# please help my tank have a big problem



## sayjaibao (Mar 29, 2011)

i don't know what i did to my tank(freshwater) all my fish dead except my silver arrowana. its been few monthes, the arrowana is fine in there. any new fish i put in they die within 1-2 days. when they die their body is like white and stuff. i tested the water its fine PH 6.0 amonia was low. i did water changes and stuff and nothing seems working. i don't know what to do please help. thank you


----------



## zubanhunter (Mar 22, 2011)

How are you acclimating your new fish? I have a low pH tank as well (around 6) and have had fish die of pH shock when they were introduced. I now always use drip acclimation (great thread on this: Drip acclimating fish and have stopped having issues.


----------



## sayjaibao (Mar 29, 2011)

so my fish die because of low ph? should i get my ph up or leave it like tat and do the drip acclimating fish like u said?


----------



## jrman83 (Jul 9, 2010)

I don't think he is saying that your fish die because of a low ph. What is being said is there could be a big difference between the water they were in compared to your water. Drip acclimation can help the fish get accustomed to your water and increase chances of survival.

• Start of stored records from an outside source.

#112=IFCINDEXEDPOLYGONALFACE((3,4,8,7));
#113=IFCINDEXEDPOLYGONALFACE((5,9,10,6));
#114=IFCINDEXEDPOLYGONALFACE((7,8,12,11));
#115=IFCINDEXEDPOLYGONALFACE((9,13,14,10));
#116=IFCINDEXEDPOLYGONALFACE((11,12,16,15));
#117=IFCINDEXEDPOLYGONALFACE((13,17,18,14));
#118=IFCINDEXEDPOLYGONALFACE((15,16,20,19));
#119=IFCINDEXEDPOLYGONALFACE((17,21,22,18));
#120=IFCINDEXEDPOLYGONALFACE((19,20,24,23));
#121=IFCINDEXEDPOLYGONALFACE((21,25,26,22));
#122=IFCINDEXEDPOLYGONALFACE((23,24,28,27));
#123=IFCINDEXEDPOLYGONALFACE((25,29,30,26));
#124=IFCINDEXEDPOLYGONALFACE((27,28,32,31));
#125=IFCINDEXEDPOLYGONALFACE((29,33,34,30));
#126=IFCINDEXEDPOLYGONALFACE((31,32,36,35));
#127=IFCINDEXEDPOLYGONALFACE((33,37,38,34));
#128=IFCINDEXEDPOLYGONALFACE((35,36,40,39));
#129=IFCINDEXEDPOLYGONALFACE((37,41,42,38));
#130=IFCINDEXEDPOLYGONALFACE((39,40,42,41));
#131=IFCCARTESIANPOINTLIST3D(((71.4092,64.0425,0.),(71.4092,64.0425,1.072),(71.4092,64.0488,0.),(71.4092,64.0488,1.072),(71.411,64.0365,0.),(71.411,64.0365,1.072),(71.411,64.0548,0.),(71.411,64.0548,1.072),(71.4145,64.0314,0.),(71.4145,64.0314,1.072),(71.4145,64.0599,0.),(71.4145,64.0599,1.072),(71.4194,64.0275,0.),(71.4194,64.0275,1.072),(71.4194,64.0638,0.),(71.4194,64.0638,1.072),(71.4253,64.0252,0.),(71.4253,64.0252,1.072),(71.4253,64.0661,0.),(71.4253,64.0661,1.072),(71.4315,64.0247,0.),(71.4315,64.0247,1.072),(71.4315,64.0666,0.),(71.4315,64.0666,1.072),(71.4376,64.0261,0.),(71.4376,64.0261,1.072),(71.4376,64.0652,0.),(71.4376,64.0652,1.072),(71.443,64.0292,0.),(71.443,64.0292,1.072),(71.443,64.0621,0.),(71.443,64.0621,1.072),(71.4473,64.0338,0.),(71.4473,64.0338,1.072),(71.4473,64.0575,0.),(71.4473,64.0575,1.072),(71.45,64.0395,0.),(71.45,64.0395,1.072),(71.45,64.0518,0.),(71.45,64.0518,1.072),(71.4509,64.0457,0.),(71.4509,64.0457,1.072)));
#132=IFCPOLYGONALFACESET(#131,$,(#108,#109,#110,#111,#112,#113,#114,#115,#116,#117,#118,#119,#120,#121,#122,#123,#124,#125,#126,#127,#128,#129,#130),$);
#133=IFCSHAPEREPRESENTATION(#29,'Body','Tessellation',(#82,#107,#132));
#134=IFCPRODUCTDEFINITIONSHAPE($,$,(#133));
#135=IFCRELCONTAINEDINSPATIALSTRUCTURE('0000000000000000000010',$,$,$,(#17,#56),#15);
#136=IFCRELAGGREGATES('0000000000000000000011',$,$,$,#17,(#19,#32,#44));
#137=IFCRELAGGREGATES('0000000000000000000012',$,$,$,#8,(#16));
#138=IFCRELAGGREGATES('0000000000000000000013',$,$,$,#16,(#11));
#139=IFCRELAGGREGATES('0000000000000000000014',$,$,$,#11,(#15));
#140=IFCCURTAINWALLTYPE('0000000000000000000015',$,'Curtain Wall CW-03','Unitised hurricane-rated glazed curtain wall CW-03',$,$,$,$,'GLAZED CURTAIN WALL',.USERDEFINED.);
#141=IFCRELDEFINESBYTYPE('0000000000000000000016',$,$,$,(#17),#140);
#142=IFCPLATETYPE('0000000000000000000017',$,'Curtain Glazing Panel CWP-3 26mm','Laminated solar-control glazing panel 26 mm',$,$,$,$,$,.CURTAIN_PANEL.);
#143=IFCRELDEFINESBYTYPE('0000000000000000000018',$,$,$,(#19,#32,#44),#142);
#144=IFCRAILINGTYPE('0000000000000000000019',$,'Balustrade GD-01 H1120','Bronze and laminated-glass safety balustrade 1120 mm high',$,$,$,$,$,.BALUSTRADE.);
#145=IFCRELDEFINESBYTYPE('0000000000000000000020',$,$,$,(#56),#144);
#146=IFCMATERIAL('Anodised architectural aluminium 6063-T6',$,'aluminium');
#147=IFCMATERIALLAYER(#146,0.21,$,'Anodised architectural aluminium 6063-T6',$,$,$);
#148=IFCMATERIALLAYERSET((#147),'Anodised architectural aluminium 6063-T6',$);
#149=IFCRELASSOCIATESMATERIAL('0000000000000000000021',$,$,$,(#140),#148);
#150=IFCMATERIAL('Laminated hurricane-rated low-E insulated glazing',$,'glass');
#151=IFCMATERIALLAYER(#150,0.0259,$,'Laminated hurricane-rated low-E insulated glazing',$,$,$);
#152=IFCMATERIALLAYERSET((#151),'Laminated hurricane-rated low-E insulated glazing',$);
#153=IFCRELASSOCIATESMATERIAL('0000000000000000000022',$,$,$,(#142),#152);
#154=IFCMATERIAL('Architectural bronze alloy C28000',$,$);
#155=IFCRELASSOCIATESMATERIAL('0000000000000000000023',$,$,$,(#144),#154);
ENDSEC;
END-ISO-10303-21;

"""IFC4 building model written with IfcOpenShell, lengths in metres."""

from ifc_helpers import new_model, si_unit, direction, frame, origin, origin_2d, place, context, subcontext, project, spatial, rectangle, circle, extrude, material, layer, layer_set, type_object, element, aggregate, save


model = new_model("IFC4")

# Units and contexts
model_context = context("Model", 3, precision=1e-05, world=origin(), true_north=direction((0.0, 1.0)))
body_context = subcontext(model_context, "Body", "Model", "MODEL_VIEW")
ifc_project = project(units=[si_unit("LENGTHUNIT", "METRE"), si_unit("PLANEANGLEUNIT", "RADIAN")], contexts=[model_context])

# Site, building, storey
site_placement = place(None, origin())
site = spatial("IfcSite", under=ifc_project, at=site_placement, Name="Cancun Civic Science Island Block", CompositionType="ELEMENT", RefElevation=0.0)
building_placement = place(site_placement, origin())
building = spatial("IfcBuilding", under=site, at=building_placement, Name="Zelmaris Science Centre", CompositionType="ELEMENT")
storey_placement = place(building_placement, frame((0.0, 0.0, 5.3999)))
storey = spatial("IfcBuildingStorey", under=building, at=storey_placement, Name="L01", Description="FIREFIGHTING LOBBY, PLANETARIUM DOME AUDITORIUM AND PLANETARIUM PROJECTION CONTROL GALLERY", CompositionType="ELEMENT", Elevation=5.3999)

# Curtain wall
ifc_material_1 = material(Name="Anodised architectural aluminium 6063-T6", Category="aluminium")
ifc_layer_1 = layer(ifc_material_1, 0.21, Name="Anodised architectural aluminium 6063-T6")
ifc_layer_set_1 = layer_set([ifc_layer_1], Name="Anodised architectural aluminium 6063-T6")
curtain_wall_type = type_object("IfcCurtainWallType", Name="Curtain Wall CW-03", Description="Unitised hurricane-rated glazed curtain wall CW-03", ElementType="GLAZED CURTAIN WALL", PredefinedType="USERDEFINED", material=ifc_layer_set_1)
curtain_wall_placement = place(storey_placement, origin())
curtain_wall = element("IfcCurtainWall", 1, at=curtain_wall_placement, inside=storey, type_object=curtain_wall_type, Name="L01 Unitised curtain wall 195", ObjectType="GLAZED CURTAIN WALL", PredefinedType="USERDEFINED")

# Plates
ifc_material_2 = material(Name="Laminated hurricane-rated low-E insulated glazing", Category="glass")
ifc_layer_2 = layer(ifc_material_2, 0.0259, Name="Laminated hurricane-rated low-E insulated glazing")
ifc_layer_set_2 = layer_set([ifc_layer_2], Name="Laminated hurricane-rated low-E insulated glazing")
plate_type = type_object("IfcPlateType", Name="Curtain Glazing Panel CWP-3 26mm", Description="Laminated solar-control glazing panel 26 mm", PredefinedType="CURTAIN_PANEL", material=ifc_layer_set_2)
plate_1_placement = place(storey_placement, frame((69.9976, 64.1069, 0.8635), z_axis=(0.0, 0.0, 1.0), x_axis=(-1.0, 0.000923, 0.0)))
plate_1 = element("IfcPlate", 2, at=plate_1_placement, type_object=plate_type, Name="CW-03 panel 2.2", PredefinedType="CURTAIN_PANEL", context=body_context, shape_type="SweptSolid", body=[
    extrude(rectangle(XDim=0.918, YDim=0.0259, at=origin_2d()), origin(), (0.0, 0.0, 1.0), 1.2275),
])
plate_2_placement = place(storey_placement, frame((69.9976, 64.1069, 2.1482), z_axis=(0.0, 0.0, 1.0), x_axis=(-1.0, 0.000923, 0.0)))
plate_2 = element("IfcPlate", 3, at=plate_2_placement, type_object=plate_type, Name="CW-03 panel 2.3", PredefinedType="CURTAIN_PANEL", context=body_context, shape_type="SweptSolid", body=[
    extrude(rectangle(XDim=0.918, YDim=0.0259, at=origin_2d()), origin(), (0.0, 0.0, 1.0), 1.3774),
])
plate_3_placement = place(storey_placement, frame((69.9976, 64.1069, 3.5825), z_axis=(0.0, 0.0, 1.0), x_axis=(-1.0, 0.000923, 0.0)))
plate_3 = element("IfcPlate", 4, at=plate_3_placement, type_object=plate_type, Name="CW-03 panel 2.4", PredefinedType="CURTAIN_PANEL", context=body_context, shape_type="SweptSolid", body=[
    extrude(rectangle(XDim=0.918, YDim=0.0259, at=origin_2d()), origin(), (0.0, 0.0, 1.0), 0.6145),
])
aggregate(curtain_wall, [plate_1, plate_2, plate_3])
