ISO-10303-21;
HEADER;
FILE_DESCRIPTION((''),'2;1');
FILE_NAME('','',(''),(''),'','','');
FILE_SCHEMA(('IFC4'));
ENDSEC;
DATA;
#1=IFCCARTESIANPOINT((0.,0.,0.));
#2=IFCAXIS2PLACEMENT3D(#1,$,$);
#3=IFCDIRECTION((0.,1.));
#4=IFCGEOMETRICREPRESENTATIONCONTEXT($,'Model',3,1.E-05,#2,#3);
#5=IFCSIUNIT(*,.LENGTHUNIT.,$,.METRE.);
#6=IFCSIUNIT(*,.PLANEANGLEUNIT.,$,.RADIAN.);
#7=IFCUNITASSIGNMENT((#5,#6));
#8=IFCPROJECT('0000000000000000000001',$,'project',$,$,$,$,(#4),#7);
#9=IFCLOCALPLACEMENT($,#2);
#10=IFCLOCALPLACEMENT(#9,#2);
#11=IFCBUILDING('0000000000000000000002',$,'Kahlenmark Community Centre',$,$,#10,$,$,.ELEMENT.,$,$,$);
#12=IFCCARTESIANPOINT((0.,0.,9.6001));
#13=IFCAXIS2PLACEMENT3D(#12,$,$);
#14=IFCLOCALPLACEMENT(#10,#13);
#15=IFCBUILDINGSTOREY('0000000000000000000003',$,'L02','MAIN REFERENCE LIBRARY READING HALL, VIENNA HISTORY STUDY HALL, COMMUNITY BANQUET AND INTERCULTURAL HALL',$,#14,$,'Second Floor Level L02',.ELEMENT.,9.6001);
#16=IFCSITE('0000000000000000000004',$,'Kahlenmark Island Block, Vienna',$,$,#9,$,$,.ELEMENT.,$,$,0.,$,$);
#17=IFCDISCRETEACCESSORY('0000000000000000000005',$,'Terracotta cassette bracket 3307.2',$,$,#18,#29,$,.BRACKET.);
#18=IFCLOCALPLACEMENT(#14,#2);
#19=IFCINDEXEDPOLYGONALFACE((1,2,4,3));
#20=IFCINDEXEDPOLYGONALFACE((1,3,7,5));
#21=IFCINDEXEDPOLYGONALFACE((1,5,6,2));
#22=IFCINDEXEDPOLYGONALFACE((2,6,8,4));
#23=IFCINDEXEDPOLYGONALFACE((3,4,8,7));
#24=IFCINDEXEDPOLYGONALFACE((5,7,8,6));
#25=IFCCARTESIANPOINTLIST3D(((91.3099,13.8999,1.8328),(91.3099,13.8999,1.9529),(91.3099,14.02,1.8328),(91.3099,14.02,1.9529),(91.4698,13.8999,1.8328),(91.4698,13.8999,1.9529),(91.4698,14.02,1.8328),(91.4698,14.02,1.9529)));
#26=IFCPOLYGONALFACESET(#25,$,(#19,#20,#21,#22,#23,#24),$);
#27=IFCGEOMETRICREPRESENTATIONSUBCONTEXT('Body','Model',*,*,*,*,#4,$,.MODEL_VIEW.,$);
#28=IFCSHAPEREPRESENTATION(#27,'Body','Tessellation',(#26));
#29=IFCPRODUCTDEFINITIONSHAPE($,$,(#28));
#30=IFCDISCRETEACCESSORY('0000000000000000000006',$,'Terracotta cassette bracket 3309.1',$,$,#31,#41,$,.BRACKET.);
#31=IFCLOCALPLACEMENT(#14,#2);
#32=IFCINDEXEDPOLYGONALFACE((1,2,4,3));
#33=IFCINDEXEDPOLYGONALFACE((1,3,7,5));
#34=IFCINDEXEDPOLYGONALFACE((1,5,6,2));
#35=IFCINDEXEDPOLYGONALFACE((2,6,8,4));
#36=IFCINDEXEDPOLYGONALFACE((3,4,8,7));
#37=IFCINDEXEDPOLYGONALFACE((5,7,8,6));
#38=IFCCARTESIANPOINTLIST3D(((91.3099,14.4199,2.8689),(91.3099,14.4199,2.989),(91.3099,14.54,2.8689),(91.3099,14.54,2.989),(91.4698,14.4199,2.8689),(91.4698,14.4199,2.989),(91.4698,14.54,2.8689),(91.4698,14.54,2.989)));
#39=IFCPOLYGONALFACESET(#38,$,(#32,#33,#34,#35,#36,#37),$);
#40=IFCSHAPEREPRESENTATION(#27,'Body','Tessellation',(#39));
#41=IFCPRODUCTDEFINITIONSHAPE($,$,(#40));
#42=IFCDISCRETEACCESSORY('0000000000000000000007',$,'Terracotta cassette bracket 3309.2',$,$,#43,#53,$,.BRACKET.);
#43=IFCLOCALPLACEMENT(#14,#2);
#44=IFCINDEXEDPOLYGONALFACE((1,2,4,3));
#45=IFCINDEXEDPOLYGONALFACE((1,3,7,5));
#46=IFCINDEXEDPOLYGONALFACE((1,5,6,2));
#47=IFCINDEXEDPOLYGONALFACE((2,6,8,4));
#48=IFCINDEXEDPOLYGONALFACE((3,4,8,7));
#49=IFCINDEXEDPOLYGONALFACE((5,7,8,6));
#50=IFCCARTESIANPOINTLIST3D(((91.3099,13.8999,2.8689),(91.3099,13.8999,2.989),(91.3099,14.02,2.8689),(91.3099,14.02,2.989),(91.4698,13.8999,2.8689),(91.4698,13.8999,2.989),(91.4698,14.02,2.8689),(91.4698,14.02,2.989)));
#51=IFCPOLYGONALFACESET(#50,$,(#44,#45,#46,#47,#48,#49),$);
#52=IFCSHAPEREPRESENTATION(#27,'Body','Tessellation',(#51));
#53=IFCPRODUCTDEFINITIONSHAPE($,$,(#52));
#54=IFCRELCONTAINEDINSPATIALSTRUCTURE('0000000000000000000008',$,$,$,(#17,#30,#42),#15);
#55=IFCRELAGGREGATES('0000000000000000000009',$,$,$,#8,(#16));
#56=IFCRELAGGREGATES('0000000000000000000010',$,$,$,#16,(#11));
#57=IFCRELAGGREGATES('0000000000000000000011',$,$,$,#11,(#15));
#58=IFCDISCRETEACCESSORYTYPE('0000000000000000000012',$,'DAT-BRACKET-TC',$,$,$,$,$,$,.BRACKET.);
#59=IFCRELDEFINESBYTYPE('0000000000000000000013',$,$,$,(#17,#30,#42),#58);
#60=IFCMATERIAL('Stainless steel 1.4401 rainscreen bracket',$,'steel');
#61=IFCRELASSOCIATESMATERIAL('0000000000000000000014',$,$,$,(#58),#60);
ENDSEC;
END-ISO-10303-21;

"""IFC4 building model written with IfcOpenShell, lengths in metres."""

from ifc_helpers import new_model, si_unit, direction, frame, origin, origin_2d, place, context, subcontext, project, spatial, rectangle, extrude, material, type_object, element, save


model = new_model("IFC4")

# Units and contexts
model_context = context("Model", 3, precision=1e-05, world=origin(), true_north=direction((0.0, 1.0)))
body_context = subcontext(model_context, "Body", "Model", "MODEL_VIEW")
ifc_project = project(units=[si_unit("LENGTHUNIT", "METRE"), si_unit("PLANEANGLEUNIT", "RADIAN")], contexts=[model_context])

# Site, building, storey
site_placement = place(None, origin())
site = spatial("IfcSite", under=ifc_project, at=site_placement, Name="Kahlenmark Island Block, Vienna", CompositionType="ELEMENT", RefElevation=0.0)
building_placement = place(site_placement, origin())
building = spatial("IfcBuilding", under=site, at=building_placement, Name="Kahlenmark Community Centre", CompositionType="ELEMENT")
storey_placement = place(building_placement, frame((0.0, 0.0, 9.6001)))
storey = spatial("IfcBuildingStorey", under=building, at=storey_placement, Name="L02", Description="MAIN REFERENCE LIBRARY READING HALL, VIENNA HISTORY STUDY HALL, COMMUNITY BANQUET AND INTERCULTURAL HALL", LongName="Second Floor Level L02", CompositionType="ELEMENT", Elevation=9.6001)

# Discrete accessories
ifc_material_1 = material(Name="Stainless steel 1.4401 rainscreen bracket", Category="steel")
discrete_accessory_type = type_object("IfcDiscreteAccessoryType", Name="DAT-BRACKET-TC", PredefinedType="BRACKET", material=ifc_material_1)
for number, where, z_axis, x_axis, name in (
    (1, (91.3899, 13.96, 1.8328), (0.0, 0.0, 1.0), (0.0, -1.0, 0.0), "Terracotta cassette bracket 3307.2"),
    (2, (91.3899, 14.48, 2.8689), (0.0, 0.0, 1.0), (0.0, -1.0, 0.0), "Terracotta cassette bracket 3309.1"),
    (3, (91.3899, 13.96, 2.8689), (0.0, 0.0, 1.0), (0.0, -1.0, 0.0), "Terracotta cassette bracket 3309.2"),
):
    element("IfcDiscreteAccessory", number, at=place(storey_placement, frame(where, z_axis=z_axis, x_axis=x_axis)), inside=storey, type_object=discrete_accessory_type, Name=name, PredefinedType="BRACKET", context=body_context, shape_type="SweptSolid", body=[
        extrude(rectangle(XDim=0.1201, YDim=0.1599, at=origin_2d()), origin(), (0.0, 0.0, 1.0), 0.1201),
    ])

save(model, "model.ifc")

What is your reading for ammonia?

How long has your tank had fish in it?


----------



## sayjaibao (Mar 29, 2011)

i had the tank for like a year, the ammonia lvl is like .50
why is the ph on my tank is so low?
it wasnt like tat before dont know wat happened.


----------



## phys (Feb 4, 2011)

you probably didnt let your fish get used to the new water you have in your tank. a slow introduction into new water is best for them. if you do not, they can die within a few hours. 

You ph is low probably from you water source having a low ph and Kh. Check your water source. You may have to add some stuff to bring your ph and kh up if you can but DO IT SLOW or you can kill your arwona.


----------



## NeonShark666 (Dec 13, 2010)

According to my guide book Arrowanas like a ph of 6.0. Fishes that wouldn't like this low a ph are Livebearers, Rainbows and Rift Valley Cichlids. What is the ph at your fish store? Fishes don't like ph shock so if there is a big difference between your store and your tank, adjust your fish gradually to the ph in your tank.


----------



## Gizmo (Dec 6, 2010)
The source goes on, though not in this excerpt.